Las crisis ambientales son consecuencia de muchos factores: relación entre población y recursos, migración, preferencias en el consumo de determinados productos, avance tecnológico, etc. Las primeras pueden tener efectos catastróficos, pero las dos últimas pueden actuar como sabios factores de corrección.

Si miramos hacia atrás en la historia nos damos cuenta de que, en la mayoría de los casos, la tecnología ha servido para compensar los efectos negativos del resto de factores. Ausubel está convencido de que nuestra civilización puede alimentar a 20.000 millones de personas y, de paso, mejorar las condiciones ambientales. "La tecnología ha liberado a los seres humanos de la esclavitud del medio ambiente –dice–. Y ahora podemos utilizarla para liberar al medio ambiente del efecto de los seres humanos".

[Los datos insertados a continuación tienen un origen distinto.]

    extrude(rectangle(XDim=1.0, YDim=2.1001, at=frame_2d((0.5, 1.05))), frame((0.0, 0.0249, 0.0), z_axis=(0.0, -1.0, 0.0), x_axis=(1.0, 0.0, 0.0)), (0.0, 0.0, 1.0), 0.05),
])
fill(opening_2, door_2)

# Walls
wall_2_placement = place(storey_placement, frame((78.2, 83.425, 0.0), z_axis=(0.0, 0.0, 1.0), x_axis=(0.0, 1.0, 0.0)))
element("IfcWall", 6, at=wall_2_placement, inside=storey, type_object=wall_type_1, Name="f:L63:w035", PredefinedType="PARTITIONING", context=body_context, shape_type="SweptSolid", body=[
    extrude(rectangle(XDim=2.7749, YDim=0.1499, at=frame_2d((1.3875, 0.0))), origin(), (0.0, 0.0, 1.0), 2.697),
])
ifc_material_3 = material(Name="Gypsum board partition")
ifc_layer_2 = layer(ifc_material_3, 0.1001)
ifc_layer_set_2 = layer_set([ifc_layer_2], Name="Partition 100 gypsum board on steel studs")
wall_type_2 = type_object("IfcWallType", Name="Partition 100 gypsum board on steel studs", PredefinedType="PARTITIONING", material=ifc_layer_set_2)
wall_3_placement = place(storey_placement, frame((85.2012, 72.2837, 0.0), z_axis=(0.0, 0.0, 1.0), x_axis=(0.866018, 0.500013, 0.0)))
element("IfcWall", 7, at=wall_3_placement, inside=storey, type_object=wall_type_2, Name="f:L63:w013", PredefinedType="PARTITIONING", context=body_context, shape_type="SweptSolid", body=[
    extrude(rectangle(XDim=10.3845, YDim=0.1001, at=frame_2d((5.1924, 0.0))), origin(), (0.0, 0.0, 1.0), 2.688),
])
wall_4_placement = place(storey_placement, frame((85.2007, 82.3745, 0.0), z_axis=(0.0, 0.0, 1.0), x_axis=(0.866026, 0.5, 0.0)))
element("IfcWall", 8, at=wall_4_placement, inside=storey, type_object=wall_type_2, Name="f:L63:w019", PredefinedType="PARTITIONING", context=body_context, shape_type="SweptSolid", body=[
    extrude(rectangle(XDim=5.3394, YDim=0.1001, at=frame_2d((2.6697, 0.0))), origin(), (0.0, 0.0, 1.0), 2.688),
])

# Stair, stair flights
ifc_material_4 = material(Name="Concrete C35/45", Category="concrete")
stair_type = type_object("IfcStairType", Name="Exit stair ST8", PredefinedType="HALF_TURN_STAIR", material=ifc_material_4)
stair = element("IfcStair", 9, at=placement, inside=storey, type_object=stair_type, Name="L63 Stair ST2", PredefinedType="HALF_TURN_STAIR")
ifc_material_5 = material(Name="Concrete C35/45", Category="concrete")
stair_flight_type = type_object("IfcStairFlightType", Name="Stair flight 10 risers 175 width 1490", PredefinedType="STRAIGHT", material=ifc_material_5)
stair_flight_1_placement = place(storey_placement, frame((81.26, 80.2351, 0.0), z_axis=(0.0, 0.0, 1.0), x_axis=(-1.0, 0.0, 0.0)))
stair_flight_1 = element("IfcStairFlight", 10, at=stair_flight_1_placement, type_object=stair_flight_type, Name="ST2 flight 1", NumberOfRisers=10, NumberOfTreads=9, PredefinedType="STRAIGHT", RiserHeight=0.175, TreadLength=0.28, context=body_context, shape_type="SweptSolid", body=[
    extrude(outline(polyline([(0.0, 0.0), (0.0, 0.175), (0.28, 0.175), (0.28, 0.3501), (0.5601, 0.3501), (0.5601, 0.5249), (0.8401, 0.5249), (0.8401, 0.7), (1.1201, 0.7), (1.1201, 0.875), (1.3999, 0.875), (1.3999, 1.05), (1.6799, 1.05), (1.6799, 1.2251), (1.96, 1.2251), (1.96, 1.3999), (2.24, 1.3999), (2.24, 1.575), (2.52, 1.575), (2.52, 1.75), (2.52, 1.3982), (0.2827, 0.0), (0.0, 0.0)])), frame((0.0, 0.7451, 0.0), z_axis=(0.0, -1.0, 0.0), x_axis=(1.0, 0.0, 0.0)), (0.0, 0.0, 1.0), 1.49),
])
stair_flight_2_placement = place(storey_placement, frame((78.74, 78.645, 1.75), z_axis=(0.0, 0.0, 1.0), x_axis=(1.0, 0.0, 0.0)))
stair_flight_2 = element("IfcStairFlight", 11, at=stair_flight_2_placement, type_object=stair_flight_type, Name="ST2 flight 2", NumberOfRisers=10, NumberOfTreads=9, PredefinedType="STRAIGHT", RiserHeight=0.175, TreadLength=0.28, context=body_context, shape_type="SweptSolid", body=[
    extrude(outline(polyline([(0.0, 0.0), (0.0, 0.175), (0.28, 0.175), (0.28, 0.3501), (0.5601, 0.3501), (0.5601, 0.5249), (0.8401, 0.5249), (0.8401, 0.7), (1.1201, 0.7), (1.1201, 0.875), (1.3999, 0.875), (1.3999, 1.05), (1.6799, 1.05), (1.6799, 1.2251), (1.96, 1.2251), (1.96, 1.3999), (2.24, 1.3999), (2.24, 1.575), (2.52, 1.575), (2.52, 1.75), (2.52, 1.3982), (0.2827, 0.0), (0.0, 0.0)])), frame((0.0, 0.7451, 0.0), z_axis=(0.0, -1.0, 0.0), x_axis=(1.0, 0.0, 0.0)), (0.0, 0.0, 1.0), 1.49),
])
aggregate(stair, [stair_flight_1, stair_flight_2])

Su confianza en la ciencia, el progreso y el ingenio humano en libertad es compartida por muchos. No por aquellos que se empeñan en pagar los errores del pasado a golpe de ecotasas, industrias subsidiadas, protocolos incumplibles y eslóganes de demagogia verde. Ni Obama, ni Brown ni Zapatero nos van a sacar de ésta. Si hay alguien capaz de hacerlo, seguro que está trabajando anónimamente en algún laboratorio. Ese mismo laboratorio al que, para colmo, ahora le quieren reducir su feble presupuesto.